Questo potrebbe anche permettere al cacciatore/gestore di meglio affrontare quello che in un certo senso può essere visto come il rovescio della medaglia, costituito dall’esplosione demografica delle popolazioni di ungulati. Sempre più forti infatti si alzano le lamentele da parte del mondo agricolo per l’impatto che le popolazioni di caprioli, daini, cervi e cinghiali sulle colture, in specie quelle di pregio.
È essenziale in questo campo trovare un punto di equilibrio fra le necessità di tutti - selvatici compresi - e moltissimo può essere fatto dai cacciatori, purché gli siano dati gli strumenti per farlo. Nel caso del cinghiale ad esempio è tempo che ci si renda conto che poco potrà essere fatto se non sarà consentito di intervenire in modo efficace all’interno di parchi e aree protette, che costituiscono un serbatoio praticamente inesauribile di selvatici.

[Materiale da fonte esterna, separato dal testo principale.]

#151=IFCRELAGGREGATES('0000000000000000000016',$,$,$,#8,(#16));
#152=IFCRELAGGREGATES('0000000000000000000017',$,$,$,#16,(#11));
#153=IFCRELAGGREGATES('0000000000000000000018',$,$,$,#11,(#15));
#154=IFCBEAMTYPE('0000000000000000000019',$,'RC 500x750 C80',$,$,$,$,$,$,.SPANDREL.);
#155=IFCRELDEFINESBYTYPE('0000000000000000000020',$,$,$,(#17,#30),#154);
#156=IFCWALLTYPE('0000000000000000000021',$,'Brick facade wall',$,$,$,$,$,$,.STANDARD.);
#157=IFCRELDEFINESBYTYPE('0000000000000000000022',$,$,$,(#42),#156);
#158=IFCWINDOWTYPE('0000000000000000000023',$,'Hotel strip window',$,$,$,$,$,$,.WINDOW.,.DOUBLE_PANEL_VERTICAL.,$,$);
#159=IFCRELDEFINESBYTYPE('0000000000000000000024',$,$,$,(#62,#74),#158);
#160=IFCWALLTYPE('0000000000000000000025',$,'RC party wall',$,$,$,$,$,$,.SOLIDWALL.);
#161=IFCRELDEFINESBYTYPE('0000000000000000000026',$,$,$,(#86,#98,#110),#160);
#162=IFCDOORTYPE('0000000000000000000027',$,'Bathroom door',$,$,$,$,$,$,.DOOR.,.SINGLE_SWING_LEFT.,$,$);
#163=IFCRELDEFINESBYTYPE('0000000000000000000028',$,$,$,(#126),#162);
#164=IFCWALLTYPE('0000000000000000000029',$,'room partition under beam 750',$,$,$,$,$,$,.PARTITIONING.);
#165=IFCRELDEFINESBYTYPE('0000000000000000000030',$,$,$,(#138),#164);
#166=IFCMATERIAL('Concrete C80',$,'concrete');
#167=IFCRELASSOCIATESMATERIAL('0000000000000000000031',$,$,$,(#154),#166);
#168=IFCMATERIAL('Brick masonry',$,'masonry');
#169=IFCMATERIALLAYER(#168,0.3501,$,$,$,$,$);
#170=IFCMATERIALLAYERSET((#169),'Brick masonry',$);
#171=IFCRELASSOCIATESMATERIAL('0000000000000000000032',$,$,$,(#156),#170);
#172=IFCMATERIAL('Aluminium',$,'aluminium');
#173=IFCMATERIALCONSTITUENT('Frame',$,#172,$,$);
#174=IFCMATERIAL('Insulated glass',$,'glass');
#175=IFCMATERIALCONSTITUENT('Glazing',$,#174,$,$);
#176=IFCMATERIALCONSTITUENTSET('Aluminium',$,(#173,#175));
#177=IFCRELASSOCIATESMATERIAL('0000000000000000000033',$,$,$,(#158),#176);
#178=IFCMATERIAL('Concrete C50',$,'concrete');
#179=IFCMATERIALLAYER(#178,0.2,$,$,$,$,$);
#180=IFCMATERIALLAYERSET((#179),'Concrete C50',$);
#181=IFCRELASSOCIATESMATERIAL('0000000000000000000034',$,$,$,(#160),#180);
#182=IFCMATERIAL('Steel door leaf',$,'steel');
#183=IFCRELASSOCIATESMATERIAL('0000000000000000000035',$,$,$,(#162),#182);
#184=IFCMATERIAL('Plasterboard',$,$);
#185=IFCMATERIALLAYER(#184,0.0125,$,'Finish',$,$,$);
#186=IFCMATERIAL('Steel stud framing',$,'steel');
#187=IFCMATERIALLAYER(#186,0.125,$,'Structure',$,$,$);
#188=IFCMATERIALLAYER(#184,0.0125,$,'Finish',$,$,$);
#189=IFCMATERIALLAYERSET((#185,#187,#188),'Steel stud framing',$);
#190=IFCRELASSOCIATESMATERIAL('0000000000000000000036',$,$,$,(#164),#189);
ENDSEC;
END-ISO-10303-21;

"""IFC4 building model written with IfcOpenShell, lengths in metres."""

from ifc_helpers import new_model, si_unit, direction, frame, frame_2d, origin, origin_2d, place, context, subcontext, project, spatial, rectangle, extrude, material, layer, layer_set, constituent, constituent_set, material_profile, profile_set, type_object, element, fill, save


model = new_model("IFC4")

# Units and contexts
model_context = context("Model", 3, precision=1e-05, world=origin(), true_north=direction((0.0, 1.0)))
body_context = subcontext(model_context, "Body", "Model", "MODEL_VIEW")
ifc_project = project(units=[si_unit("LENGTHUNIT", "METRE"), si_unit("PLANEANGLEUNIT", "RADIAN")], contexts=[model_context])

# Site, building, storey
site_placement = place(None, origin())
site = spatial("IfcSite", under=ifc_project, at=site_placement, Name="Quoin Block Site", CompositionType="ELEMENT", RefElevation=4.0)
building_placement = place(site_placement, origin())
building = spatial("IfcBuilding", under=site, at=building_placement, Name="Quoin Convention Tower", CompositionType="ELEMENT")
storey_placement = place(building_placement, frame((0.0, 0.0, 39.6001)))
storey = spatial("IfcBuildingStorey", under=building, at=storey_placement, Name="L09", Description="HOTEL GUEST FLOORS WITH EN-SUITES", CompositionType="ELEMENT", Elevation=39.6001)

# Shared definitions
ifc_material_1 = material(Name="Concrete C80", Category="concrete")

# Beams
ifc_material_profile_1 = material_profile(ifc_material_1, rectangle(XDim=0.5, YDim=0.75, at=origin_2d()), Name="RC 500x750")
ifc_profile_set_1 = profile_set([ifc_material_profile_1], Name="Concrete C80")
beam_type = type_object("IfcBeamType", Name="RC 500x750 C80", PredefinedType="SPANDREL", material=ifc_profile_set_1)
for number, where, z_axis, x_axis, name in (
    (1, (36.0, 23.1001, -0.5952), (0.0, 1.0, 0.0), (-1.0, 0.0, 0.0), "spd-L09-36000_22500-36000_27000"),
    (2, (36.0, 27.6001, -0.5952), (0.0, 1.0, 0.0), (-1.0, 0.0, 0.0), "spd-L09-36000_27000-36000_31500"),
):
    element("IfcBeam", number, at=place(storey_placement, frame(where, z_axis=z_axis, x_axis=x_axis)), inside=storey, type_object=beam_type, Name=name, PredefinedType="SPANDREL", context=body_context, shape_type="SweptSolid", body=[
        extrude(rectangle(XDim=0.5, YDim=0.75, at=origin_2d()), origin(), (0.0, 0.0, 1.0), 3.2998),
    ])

In alcune realtà – ancora troppo poche – si è cominciato a farlo, ma la consueta isteria ideologica della parte peggiore del mondo ambientalista rende difficile, quando non blocca del tutto questo processo, naturale e scontato nel resto del mondo. Non è certo imponendo alle squadre di cinghiale di pagare - salati - i danni che si può pensare di risolvere i problemi. Per noi, per gli agricoltori e anche per la fauna.